Mayor Adams: Forget About the NYPD’s Protest Settlement, Unpatriotic Outsiders Are ‘Radicalizing Our Children’

A legal settlement requires the NYPD to reform its handling of protests—someday. In the meantime, the mayor is just fine with the department’s heavy-handed approach.

(Ed Reed/Mayoral Photography Office)

At his weekly off-topic press conference on Tuesday, Mayor Eric Adams was asked how the police violence against protesters and journalists at a Palestinian solidarity march Saturday in Bay Ridge squared with the police reforms the mayor committed to in September when his administration settled a group of civil rights lawsuits filed by the NYCLU and Attorney General Tish James arising from the NYPD handling of the 2020 George Floyd protests. 
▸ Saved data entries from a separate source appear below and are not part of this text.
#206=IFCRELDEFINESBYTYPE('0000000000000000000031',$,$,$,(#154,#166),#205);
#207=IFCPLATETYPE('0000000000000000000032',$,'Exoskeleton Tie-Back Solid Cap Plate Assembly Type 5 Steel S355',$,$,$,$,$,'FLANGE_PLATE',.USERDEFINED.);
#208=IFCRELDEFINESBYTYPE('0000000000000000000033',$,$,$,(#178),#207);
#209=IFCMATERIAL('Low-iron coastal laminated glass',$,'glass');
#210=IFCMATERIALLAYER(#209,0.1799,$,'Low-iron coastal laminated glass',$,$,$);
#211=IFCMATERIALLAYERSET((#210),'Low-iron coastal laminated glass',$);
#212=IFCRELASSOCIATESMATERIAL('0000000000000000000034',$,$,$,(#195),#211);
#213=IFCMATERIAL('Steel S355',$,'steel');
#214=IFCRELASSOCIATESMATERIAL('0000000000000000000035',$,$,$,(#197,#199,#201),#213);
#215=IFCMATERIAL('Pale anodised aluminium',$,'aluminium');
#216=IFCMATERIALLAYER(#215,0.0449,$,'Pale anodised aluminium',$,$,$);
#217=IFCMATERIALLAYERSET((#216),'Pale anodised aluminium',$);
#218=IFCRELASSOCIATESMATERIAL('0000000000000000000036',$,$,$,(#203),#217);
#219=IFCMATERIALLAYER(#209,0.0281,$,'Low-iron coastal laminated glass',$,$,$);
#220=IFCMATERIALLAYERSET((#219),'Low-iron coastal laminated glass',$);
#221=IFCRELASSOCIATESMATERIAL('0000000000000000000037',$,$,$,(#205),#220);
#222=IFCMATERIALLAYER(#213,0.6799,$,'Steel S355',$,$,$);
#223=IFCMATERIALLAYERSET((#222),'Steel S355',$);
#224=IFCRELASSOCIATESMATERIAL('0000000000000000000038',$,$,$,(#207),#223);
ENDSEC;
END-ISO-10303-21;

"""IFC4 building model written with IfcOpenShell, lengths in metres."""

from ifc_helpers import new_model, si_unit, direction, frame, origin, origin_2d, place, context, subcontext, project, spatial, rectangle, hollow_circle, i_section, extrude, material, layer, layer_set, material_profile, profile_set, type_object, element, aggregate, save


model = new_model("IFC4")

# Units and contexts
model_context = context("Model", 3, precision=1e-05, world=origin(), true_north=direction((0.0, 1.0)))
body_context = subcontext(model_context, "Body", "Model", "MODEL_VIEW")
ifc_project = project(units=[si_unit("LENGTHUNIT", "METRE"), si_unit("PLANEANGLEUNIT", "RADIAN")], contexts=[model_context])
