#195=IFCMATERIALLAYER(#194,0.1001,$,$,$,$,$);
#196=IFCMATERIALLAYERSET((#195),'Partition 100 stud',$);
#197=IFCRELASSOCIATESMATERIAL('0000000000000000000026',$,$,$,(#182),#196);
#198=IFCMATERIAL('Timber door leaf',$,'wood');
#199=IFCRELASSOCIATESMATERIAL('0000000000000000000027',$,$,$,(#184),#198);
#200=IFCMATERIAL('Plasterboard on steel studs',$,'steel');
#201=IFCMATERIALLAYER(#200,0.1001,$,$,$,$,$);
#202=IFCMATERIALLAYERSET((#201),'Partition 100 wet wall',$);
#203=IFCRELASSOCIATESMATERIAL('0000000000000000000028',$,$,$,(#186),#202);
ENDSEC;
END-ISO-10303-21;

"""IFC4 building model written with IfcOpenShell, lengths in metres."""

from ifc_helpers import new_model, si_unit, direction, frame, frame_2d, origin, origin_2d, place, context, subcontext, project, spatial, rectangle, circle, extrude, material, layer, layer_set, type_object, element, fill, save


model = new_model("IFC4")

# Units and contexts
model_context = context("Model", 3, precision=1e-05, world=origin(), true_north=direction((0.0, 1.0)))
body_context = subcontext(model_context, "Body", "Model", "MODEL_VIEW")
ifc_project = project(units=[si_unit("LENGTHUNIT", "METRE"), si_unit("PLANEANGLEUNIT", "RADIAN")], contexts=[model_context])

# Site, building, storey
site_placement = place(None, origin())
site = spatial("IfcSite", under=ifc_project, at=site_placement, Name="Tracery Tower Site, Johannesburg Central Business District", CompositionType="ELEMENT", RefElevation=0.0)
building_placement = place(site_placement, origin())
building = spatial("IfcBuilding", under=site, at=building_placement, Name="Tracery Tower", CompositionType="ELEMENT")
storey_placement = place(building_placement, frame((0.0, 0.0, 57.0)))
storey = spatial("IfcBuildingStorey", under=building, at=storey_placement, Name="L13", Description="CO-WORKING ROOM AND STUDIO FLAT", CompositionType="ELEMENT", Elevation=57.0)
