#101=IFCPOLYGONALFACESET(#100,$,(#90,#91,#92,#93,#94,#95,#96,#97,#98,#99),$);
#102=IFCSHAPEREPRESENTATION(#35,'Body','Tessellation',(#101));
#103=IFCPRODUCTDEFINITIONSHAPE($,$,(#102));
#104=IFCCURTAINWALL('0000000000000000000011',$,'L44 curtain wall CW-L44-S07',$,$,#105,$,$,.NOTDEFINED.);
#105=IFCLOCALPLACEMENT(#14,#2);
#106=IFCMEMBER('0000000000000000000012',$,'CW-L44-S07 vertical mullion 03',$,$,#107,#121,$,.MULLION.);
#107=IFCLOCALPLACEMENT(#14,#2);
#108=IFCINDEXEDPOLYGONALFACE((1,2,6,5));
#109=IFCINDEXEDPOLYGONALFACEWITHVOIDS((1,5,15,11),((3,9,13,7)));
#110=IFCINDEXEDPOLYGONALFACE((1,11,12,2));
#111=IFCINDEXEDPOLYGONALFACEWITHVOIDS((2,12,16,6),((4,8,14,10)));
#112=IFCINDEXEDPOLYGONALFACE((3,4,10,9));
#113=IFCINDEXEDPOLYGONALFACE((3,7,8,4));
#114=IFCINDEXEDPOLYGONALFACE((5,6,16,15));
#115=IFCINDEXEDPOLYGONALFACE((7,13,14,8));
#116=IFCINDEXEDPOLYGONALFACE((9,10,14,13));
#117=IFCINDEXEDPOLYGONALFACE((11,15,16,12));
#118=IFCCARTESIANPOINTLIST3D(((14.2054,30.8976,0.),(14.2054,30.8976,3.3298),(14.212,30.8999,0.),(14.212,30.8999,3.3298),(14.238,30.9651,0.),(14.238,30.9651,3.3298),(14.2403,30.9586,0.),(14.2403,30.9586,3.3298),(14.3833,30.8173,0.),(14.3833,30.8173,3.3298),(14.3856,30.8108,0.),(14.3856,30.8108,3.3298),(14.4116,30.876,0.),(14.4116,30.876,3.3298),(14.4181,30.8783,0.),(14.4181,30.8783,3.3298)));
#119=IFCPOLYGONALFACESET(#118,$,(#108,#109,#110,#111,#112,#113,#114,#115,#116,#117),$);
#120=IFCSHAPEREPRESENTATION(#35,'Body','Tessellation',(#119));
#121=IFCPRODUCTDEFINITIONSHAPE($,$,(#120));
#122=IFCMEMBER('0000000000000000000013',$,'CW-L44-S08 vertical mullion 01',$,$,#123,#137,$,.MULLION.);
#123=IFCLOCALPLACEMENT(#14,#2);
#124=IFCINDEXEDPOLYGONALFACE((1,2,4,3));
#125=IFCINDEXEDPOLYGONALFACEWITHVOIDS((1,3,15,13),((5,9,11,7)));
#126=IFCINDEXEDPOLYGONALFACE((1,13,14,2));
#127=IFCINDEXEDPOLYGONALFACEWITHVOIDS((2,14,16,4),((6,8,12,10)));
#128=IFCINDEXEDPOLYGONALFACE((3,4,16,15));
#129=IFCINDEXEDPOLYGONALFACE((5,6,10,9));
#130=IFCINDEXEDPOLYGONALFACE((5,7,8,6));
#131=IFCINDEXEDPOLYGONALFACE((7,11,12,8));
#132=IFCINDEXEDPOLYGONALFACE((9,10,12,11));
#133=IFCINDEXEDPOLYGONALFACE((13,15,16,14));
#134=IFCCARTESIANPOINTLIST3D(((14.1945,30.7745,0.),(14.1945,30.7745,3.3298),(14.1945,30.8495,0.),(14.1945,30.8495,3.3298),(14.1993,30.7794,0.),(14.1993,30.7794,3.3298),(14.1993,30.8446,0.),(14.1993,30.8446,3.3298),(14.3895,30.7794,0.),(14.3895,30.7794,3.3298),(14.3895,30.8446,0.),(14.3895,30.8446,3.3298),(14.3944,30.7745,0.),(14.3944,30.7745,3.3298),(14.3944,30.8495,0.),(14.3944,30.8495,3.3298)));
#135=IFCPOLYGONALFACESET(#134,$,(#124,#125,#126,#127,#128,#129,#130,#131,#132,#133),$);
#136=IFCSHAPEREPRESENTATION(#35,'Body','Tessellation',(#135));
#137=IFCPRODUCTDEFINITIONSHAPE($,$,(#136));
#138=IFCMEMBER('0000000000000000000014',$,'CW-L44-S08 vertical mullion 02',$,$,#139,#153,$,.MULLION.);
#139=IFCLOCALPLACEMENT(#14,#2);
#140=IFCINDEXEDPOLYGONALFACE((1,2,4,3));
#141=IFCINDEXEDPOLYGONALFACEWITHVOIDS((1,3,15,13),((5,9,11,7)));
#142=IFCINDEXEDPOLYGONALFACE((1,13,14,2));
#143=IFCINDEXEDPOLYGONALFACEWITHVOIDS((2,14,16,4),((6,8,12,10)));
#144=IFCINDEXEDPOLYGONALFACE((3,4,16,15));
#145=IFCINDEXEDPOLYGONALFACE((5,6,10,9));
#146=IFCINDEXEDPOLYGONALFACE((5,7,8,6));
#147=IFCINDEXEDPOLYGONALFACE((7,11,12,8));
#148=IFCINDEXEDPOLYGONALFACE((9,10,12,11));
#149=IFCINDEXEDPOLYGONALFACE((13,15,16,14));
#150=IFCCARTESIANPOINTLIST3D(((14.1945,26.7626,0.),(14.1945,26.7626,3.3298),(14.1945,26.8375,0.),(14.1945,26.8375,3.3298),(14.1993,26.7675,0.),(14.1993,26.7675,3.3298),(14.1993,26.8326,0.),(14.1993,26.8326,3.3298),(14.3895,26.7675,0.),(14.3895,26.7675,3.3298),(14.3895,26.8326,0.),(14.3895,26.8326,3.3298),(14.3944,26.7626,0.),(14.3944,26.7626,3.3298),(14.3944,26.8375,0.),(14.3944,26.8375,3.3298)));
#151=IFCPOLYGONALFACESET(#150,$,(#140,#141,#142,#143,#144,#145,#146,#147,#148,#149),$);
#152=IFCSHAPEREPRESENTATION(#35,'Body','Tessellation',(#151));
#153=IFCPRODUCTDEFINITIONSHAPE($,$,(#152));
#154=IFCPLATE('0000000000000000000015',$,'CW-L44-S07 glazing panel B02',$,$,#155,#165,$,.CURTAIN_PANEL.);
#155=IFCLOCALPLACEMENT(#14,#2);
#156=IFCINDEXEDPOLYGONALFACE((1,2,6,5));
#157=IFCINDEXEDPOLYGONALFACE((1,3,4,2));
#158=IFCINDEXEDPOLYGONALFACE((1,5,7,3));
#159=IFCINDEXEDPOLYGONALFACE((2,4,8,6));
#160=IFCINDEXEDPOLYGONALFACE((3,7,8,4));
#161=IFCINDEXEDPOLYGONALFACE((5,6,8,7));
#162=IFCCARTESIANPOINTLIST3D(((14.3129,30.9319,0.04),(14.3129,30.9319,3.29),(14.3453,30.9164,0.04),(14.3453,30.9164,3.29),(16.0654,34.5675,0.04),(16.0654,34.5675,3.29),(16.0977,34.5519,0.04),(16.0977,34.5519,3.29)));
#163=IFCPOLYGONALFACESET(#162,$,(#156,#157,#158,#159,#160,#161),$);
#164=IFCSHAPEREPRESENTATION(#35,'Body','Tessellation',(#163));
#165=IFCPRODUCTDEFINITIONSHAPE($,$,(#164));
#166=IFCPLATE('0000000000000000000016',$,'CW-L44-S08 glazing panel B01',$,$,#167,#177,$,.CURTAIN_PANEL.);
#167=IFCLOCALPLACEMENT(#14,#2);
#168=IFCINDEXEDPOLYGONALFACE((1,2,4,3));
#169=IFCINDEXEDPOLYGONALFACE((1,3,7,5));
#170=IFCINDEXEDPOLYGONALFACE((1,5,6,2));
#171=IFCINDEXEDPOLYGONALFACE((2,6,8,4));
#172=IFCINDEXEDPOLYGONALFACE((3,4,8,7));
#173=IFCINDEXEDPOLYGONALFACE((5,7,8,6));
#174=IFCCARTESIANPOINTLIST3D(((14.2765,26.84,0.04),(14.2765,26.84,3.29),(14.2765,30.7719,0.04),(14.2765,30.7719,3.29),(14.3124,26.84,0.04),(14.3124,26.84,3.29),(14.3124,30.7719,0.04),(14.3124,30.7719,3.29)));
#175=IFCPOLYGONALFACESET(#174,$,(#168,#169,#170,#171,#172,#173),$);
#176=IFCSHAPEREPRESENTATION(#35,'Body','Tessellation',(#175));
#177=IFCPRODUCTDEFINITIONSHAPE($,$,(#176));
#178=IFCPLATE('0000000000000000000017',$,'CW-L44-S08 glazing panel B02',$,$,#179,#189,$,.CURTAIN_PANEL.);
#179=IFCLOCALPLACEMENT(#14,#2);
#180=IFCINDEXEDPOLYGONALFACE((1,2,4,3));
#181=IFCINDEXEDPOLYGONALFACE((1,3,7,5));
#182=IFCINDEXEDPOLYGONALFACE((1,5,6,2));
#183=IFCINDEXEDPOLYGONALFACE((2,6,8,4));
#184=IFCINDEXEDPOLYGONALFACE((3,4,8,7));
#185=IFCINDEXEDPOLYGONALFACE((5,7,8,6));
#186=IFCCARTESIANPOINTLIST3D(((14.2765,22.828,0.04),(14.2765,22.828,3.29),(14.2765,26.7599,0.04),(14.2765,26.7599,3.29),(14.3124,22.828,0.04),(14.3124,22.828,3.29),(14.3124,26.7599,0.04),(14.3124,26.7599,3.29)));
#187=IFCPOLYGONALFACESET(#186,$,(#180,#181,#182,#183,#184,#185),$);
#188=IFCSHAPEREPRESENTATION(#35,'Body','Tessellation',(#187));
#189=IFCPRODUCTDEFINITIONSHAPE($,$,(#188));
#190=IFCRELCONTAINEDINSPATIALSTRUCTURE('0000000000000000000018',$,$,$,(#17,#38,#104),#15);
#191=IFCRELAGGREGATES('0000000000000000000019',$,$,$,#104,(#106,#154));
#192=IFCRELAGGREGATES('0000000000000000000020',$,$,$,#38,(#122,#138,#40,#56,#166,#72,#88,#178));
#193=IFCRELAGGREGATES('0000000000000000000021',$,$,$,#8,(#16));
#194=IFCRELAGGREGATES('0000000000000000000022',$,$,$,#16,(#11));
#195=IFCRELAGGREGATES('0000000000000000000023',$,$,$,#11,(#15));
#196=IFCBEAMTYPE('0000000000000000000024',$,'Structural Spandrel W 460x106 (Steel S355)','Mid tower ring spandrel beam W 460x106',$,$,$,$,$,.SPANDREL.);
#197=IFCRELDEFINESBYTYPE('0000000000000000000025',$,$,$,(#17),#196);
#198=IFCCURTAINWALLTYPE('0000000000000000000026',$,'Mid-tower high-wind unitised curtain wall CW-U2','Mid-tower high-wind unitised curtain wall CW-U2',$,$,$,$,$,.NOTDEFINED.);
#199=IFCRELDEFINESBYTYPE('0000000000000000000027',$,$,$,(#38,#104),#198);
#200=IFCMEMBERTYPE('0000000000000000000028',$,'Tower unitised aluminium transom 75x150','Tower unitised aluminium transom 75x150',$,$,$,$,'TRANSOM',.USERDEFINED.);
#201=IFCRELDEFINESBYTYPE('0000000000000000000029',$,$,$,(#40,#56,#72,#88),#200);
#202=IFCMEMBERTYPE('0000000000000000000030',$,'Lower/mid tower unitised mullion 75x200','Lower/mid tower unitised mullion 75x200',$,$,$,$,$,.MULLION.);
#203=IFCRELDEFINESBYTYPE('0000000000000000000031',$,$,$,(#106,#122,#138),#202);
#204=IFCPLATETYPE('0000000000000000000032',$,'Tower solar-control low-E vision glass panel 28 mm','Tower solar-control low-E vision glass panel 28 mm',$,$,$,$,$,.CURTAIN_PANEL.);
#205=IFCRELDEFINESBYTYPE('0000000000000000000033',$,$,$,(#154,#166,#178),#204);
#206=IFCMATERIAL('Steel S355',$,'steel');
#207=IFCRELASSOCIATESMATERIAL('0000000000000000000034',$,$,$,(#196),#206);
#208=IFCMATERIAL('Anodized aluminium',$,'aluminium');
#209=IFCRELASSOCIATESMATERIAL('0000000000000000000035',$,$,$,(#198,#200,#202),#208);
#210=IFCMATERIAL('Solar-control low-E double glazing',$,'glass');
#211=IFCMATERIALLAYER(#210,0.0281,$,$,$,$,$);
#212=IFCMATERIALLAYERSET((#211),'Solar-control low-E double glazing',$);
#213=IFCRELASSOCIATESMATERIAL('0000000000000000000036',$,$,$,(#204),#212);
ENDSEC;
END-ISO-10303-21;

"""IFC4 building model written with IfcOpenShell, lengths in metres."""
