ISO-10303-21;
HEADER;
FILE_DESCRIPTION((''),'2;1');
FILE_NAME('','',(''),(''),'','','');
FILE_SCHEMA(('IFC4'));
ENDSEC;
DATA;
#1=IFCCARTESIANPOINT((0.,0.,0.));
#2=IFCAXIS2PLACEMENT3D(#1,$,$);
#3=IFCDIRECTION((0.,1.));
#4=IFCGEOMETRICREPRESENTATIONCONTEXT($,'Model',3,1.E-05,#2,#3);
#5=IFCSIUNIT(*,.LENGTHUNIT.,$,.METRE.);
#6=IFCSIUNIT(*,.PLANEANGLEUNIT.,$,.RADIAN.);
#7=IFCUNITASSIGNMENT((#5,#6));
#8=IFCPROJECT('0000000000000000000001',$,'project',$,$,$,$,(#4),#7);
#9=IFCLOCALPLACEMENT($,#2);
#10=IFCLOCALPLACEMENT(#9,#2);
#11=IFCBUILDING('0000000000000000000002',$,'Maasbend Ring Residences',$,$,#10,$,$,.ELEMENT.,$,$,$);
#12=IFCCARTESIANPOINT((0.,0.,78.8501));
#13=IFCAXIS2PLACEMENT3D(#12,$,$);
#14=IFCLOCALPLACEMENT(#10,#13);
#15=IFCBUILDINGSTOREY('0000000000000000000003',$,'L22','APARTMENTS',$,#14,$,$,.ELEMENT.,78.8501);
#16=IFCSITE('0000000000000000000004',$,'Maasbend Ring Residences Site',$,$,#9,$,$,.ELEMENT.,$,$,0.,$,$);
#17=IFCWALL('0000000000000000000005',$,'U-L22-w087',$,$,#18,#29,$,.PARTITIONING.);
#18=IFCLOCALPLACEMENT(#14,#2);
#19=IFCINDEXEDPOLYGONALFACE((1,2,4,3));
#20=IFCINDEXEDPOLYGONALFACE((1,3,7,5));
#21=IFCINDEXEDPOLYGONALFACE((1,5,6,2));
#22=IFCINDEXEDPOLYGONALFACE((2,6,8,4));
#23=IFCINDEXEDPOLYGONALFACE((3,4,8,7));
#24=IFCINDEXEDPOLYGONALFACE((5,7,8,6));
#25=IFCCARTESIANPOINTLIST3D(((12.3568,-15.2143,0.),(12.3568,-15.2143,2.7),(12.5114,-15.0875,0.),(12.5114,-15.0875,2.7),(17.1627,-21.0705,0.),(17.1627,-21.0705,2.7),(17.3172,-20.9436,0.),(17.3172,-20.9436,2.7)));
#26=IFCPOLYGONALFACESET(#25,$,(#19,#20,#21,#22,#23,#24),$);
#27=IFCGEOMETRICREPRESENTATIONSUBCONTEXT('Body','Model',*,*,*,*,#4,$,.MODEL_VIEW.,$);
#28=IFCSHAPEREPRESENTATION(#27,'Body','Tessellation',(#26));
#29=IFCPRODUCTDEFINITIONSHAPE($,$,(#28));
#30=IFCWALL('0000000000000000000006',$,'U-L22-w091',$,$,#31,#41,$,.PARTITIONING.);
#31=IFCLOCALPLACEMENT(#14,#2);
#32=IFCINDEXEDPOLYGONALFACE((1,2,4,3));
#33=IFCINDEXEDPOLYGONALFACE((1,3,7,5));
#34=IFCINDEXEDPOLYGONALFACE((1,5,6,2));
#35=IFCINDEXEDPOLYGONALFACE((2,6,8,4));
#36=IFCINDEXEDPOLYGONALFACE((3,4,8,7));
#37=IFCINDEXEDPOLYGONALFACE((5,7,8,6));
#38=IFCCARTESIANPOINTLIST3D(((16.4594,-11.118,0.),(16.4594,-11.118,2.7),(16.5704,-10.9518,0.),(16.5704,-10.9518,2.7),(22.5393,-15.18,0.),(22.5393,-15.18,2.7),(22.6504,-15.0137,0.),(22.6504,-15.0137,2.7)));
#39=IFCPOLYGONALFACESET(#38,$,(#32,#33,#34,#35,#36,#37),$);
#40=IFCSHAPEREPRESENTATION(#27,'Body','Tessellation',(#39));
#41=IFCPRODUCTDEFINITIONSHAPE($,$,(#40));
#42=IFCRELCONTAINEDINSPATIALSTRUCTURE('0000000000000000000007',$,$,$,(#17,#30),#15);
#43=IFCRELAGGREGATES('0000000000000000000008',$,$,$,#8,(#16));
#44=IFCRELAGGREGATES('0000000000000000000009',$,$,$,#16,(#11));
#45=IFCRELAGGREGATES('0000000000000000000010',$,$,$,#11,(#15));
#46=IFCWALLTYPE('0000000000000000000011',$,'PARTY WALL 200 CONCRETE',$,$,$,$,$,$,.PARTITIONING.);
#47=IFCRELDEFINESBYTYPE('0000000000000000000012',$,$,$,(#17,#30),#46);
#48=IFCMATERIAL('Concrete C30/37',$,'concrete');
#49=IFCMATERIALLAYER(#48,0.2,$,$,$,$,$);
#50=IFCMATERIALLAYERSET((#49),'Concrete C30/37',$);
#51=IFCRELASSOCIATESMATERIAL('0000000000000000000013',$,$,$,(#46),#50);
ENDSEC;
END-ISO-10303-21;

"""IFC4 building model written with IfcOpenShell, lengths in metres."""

from ifc_helpers import new_model, si_unit, direction, frame, frame_2d, origin, place, context, subcontext, project, spatial, rectangle, extrude, material, layer, layer_set, type_object, element, save


model = new_model("IFC4")

# Units and contexts
model_context = context("Model", 3, precision=1e-05, world=origin(), true_north=direction((0.0, 1.0)))
body_context = subcontext(model_context, "Body", "Model", "MODEL_VIEW")
ifc_project = project(units=[si_unit("LENGTHUNIT", "METRE"), si_unit("PLANEANGLEUNIT", "RADIAN")], contexts=[model_context])

# Site, building, storey
site_placement = place(None, origin())
site = spatial("IfcSite", under=ifc_project, at=site_placement, Name="Maasbend Ring Residences Site", CompositionType="ELEMENT", RefElevation=0.0)
building_placement = place(site_placement, origin())
building = spatial("IfcBuilding", under=site, at=building_placement, Name="Maasbend Ring Residences", CompositionType="ELEMENT")
storey_placement = place(building_placement, frame((0.0, 0.0, 78.8501)))
storey = spatial("IfcBuildingStorey", under=building, at=storey_placement, Name="L22", Description="APARTMENTS", CompositionType="ELEMENT", Elevation=78.8501)

# Walls
ifc_material_1 = material(Name="Concrete C30/37", Category="concrete")
ifc_layer_1 = layer(ifc_material_1, 0.2)
ifc_layer_set_1 = layer_set([ifc_layer_1], Name="Concrete C30/37")
wall_type_1 = type_object("IfcWallType", Name="PARTY WALL 200 CONCRETE", PredefinedType="PARTITIONING", material=ifc_layer_set_1)
wall_1_placement = place(storey_placement, frame((12.4341, -15.1509, 0.0), z_axis=(0.0, 0.0, 1.0), x_axis=(0.634381, -0.77302, 0.0)))
element("IfcWall", 1, at=wall_1_placement, inside=storey, type_object=wall_type_1, Name="U-L22-w087", PredefinedType="PARTITIONING", context=body_context, shape_type="SweptSolid", body=[
    extrude(rectangle(XDim=7.5757, YDim=0.2, at=frame_2d((3.7878, 0.0))), origin(), (0.0, 0.0, 1.0), 2.7),
])
wall_2_placement = place(storey_placement, frame((16.5149, -11.0349, 0.0), z_axis=(0.0, 0.0, 1.0), x_axis=(0.831505, -0.555517, 0.0)))
element("IfcWall", 2, at=wall_2_placement, inside=storey, type_object=wall_type_1, Name="U-L22-w091", PredefinedType="PARTITIONING", context=body_context, shape_type="SweptSolid", body=[
    extrude(rectangle(XDim=7.312, YDim=0.2, at=frame_2d((3.656, 0.0))), origin(), (0.0, 0.0, 1.0), 2.7),
])

save(model, "model.ifc")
A key tenet of those reforms is the notion of tiered police responses to protest, with the presumption of a light police presence whose numbers and tactics may escalate as specific conditions are met. Were those conditions met in Bay Ridge, where large numbers of riot police were present from early on?

Before Adams could finish his answer, his lawyer, Lisa Zornberg, jumped in to make a factual point: "The phase that [the settlement is] in, is creating training and policies right now. So the events that happened over the weekend, have nothing to do with the city's compliance with the settlement. And the NYPD is complying with the settlement."

Zornberg's statement is factually true. Indeed, it is one of the weaknesses of the settlement that it offers no fixed timeframe for how long the NYPD has to implement those new policies and trainings. The NYPD could drag out the unenforceable Phase I of the settlement for a very long time, and the only way the Attorney General or the 2020 protesters could do anything about it would be to go back to court and try to argue that the foot-dragging had crossed some hazy line not spelled out in the signed agreement.

But Zornberg's comment conveniently dodged the more significant implicit question: If the NYPD and the Adams administration are committed to the reforms laid out in the settlement, if they are even now creating policy and training to implement those reforms, then why do they seem to be moving in the opposite direction at every opportunity, deploying overwhelming swarms of heavily armored Strategic Response Group officers, needlessly antagonizing protesters, conducting arrests for rinky-dink violations, arresting journalists, and regularly busting heads?

Doing all that may not be technically in violation of the settlement terms at this stage. But it's the same behavior that got the NYPD sued for constitutional violations in the 2020 protests—suits that the City was likely enough to lose that its lawyers decided it was safer to settle them. Wouldn't this be a great time to start experimenting with the philosophy of protest policing the NYPD will (eventually, theoretically) be bound to under the settlement? The NYPD might learn something, and the City might avoid a whole new tide of expensive civil rights lawsuits filed by nonviolent protesters who got concussed by police on camera.

No, it would not be a great time for that, Adams evidently believes. The NYPD has been deviating from the spirit of the settlement virtually since it was signed and it's no secret that he doesn't like the settlement or the reforms that it mandates. Last winter as the City's lawyers were in court arguing that the reforms were reasonable, they had to contend with the mayor undercutting them in public, telling reporters "As soon as I read the settlement, I said, 'This is a problem'... Anyone who polices this city should be concerned about what's in the settlement."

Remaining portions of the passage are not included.